Some have recommended Europoid identification to explain the blonds and red-heads among the mummies, but there is no requirement to travel thousands of miles to Western Europe to explain this; Kashmir, just south of the Basin has plenty of red-heads and blonds.
One of the DNA studies notes that the population had “relatively close associations with the modern populations of South Central Asia and Indus Valley, as well as with the ancient population of Chawuhu.” This is can be easily explained if the original residents of the region were from Indus Valley [code for India] and they had left a genetic trace in the region we are talking about.
The End Of A Civilization
The Islamic attacks and conquest of the Buddhist cities east of Kashgar happened by the Turkic Karakhanid Satok Bughra Khan who in 966 converted to Islam.
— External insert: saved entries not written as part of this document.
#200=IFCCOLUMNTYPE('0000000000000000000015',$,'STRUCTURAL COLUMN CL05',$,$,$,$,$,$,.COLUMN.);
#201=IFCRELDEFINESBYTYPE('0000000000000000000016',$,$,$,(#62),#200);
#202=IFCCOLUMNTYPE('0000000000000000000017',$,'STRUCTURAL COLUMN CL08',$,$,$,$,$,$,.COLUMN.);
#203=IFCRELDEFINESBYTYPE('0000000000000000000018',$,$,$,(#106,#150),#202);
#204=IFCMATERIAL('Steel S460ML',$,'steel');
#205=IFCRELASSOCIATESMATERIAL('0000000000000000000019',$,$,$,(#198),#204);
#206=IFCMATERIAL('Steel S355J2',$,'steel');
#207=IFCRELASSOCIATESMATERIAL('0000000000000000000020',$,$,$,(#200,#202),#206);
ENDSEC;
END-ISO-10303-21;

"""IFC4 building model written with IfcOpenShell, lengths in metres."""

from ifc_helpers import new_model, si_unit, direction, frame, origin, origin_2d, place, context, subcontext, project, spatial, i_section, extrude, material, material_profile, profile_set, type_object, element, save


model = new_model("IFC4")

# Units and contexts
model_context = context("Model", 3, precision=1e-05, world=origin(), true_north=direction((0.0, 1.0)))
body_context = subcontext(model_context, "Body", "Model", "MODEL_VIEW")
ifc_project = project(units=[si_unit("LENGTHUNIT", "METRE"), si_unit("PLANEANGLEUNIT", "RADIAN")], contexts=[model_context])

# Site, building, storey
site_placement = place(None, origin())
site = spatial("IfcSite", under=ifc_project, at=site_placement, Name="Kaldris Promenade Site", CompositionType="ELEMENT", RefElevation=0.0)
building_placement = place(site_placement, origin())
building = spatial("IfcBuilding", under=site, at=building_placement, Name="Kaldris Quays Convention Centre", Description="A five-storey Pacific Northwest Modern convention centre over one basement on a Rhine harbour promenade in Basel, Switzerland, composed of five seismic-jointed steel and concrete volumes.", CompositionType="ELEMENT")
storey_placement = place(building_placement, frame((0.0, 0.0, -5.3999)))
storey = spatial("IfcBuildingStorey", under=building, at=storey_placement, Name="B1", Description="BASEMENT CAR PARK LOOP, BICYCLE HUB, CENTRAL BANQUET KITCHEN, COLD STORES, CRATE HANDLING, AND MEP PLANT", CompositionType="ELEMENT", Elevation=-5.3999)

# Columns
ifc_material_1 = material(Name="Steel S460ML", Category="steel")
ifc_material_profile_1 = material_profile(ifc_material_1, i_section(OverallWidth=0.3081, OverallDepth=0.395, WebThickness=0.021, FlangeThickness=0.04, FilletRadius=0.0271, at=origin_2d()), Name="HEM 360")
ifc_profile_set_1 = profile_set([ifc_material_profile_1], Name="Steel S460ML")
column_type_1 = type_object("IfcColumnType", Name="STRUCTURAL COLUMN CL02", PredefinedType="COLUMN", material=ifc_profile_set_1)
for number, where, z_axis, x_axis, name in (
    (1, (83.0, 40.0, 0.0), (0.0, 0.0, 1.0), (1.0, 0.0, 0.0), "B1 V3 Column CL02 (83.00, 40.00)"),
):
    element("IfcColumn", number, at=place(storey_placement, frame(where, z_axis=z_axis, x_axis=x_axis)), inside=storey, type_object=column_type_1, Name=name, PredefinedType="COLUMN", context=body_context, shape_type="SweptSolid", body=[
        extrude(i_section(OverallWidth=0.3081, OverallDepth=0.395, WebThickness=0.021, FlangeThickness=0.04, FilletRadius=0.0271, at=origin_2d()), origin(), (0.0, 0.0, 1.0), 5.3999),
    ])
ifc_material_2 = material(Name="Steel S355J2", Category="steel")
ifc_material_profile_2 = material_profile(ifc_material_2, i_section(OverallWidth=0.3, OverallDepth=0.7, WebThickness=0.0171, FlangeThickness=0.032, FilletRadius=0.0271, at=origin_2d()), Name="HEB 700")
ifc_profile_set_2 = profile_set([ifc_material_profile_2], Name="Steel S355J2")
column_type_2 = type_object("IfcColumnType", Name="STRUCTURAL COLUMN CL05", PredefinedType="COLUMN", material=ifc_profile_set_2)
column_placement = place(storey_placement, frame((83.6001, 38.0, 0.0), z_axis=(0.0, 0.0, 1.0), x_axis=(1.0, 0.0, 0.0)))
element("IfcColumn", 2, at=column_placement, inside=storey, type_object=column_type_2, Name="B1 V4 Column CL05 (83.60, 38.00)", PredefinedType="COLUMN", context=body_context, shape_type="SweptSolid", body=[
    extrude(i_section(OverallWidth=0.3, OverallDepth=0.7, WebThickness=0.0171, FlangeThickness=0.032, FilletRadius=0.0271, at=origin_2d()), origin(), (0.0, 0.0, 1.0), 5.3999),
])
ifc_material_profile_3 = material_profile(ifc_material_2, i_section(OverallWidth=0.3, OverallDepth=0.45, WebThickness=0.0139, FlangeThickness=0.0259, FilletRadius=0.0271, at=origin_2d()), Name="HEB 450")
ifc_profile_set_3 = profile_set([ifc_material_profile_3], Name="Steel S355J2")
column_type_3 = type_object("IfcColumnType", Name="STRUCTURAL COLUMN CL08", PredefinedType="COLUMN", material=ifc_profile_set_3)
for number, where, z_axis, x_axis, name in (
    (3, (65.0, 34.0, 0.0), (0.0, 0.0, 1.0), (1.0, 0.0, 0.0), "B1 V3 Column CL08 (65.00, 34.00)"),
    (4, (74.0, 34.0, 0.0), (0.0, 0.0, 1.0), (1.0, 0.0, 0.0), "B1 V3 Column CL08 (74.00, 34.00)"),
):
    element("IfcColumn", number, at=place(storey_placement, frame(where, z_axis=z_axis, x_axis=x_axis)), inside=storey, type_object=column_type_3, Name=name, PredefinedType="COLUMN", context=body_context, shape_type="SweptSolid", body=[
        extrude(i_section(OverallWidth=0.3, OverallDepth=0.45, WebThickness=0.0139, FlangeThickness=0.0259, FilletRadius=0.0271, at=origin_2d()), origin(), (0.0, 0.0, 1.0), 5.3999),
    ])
Islamic Kashgar launched many jihads which eventually ended in the conquest in 1006 of Khotan by the Karakhanid leader Yusuf Qadir.
Subhash Kak writes, that the monks during the reigns of Khotanese kings began to copy texts which were sealed in caves to be conserved for posterity. Following this was a period of destruction and vandalism equalling the worst elsewhere in the world. At the end of it, the populace remembered nothing of their collective past and until the discovery of the mummies and the literature, they remained unaware that their ancestors spoke Indian Prakrits.
The end of the civilization was memorialized by the Karakhanid writer Mahmud al-Kashgari in a short poem which goes:
kãndlãr õzã čiqtimiz
furxan ãwin yiqtimiz
burxan ũzã sičtimiz
“We came down on them like a flood,
We went out among their cities,
We tore down the idol-temples,
We shat on the Buddha’s head!”
Kashgari asserts that the people of Khotan did not previously speak the language they speak now.